Welche Schritte kann die Führungsentwicklung jetzt nehmen, wo scheinbar klassische Konzepte nicht mehr greifen?

Zum Glück konnten wir bereits neuere Ansätze in verschiedenen Organisationen testen und nähern uns dem Kern immer weiter an. Dabei ist der unten stehende Text entstanden, an dem ich weiter feile. Über Feedback, Ergänzungen und Fragen würde ich mich daher sehr freuen!

Agile Führung – Einen Unterschied machen in bewegten Organisationen

Ausgangslage:

Klassische Führung(straining) stößt in der heutigen Zeit immer wieder an seine Grenzen: Instrumente wie Delegation, Mitarbeitergespräche und -bewertung sind gerade implementiert, da haben Umstrukturierungen, Veränderungen in der Matrix, in den Zielen und am Markt schon die Voraussetzungen geändert. Gerade jüngere Mitarbeiter lassen sich durch standardisierte Rituale kaum noch erreichen. Sie suchen sich Firmen, in denen sie mehr Entfaltung erleben. Führungsentwicklung soll daher Führungskräfte stärken, in unübersichtlichen, volatilen Zeiten, also zielgerichtet und flexibel zu agieren.

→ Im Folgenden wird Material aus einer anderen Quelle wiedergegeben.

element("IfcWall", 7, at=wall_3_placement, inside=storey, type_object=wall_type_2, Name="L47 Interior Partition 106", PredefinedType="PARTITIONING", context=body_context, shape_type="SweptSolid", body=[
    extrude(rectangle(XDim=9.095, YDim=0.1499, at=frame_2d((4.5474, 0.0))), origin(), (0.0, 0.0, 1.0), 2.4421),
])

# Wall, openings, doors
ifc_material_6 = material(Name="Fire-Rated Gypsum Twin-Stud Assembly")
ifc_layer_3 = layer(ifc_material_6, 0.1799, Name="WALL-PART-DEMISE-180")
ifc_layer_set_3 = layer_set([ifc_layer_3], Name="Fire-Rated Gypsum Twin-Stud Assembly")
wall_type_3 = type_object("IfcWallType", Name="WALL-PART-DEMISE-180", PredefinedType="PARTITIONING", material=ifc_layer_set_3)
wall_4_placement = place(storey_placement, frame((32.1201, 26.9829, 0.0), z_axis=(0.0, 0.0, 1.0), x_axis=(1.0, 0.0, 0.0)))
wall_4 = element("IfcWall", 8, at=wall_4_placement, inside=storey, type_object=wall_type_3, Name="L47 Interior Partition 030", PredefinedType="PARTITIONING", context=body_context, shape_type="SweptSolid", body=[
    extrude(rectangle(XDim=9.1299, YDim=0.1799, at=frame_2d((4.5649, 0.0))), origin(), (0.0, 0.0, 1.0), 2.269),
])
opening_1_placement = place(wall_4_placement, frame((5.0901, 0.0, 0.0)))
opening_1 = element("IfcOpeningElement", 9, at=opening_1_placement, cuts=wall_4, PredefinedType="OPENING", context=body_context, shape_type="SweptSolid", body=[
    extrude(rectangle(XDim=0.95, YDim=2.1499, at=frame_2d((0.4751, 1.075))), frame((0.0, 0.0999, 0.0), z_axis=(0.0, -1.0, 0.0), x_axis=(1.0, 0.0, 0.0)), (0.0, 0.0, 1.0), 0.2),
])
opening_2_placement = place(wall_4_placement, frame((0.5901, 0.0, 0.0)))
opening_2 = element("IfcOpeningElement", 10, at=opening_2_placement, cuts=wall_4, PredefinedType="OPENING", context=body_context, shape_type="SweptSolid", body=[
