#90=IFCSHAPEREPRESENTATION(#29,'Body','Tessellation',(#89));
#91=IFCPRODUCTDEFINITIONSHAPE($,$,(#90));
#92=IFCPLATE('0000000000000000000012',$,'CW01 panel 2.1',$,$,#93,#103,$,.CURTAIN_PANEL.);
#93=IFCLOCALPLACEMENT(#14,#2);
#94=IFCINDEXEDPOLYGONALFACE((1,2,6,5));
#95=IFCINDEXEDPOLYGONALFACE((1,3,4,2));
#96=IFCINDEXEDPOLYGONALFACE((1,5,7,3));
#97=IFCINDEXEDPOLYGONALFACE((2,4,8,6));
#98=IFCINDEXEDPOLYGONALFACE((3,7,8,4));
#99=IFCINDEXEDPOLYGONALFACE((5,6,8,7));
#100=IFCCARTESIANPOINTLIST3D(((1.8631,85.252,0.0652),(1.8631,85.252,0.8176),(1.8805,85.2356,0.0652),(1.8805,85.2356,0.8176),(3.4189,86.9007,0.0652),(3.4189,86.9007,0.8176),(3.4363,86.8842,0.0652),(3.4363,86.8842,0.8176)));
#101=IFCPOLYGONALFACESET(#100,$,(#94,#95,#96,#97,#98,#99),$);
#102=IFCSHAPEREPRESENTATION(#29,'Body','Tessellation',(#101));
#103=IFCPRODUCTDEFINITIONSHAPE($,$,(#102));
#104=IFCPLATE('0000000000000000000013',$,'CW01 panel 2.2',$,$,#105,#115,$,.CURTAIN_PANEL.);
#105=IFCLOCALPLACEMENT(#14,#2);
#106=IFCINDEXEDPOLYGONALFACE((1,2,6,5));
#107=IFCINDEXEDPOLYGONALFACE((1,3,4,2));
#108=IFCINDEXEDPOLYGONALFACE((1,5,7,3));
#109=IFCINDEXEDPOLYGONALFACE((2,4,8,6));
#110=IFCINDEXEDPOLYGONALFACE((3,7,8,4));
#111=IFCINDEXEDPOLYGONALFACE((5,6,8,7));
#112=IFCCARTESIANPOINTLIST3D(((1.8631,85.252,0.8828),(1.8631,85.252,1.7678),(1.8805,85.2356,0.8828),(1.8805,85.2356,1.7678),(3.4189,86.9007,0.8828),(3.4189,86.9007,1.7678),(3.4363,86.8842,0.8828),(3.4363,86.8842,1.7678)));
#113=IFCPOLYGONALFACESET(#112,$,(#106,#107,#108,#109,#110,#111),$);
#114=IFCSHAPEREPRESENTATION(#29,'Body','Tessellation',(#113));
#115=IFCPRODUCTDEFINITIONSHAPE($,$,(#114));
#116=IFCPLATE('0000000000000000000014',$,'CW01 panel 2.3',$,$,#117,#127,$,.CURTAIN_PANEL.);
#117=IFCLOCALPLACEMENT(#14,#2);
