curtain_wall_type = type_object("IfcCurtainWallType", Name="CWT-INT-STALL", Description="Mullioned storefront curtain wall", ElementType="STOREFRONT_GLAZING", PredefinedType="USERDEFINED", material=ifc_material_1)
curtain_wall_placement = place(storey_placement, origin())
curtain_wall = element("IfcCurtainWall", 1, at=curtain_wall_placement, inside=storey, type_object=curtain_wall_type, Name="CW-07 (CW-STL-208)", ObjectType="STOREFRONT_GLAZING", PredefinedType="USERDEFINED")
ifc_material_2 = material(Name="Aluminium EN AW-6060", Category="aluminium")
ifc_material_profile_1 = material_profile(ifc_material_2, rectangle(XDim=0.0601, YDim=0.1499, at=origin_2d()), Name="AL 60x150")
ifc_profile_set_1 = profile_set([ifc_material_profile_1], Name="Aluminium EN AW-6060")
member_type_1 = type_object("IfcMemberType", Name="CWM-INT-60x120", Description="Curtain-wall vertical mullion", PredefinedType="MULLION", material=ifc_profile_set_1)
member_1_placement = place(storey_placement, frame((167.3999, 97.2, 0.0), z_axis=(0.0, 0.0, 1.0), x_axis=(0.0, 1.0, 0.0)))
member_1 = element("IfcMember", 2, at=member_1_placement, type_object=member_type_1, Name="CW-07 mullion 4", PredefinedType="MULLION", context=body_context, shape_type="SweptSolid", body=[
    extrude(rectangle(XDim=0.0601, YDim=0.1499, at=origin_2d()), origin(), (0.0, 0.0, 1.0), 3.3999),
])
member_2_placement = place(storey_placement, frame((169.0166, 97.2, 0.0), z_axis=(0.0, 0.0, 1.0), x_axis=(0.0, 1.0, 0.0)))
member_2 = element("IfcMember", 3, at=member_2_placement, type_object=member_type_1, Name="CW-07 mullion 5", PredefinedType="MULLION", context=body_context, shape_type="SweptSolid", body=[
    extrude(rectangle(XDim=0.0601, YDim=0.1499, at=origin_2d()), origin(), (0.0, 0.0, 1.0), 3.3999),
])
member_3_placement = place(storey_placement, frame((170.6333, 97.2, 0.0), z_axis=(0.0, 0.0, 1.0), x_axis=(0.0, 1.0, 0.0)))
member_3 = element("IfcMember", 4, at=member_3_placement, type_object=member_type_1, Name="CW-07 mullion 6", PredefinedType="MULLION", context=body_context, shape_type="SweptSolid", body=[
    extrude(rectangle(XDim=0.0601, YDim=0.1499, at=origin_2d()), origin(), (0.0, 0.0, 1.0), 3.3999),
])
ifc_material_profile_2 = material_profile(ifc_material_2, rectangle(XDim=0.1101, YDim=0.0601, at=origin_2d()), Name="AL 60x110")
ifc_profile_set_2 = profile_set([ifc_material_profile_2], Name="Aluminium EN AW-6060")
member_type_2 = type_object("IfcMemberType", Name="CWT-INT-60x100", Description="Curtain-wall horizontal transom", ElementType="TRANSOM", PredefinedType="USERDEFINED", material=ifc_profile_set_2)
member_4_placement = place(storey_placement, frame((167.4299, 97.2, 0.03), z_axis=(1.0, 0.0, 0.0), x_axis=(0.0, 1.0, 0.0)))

Ziele agiler Führungsentwicklung:

Führungskräfte entwickeln ihre Fähigkeiten in volatilen und unsicheren Zeiten agil zu führen. Statt klassischen Instrumenten und Methoden werden flexible Wege entwickelt und eingeübt als Meta-Skills. Die wichtigsten sind:

  • „Innere Führung“ – Die Basis für Führung bleibt innere Sicherheit, Flexibilität und Zielsetzung – gerade bei unklaren Rahmenbedingungen, diversen Mitarbeitern und konstanter Veränderung.
  • „Agile Delegation in der Matrix“ – Aufgabenklärung, -verteilung und -nachverfolgung in Projekt- und Matrix-Organisationen brauchen agile Instrumente und Interventionen im Führungsalltag
  • „Veränderung steuern und Teamdynamik stützen“ – Organisationsveränderungen werden alltäglich – umso mehr gilt es die Mitarbeiter anzusprechen und in ihrer Zusammenarbeit zu stärken.
  • „Gesundheit im Arbeitsalltag“ –Mitarbeiter in ihrem Wohlbefinden, ihrer Gesundheit und Leistungsfähigkeit zu stabilisieren ist möglich mit klarer, ausgewogener Führung.
  • „Einfluss und Kommunikation“ – Führung geschieht über Kommunikation, die sich immer weiter entwickeln lässt. Auch als Klassiker gehört Einfluss und Kommunikation zum Grund-Repertoire der Führung.
  • „Organisationsgespräche führen“ – Ja, auch in agilen Organisationen werden weiterhin Bewerbungs-, Zielvereinbarungs- und Entwicklungsgespräche geführt. Hier finden die Teilnehmer Wege, flexibel und zielgerichtet den Beteiligten gerecht zu werden.
  • „Augenhöhe und Motivation“ – Generation Y fordert Augenhöhe und Sinn ein – ein guter Anlass, sich über neue Wege zur Motivation und der Gestaltung von Führungsbeziehungen Gedanken zu machen.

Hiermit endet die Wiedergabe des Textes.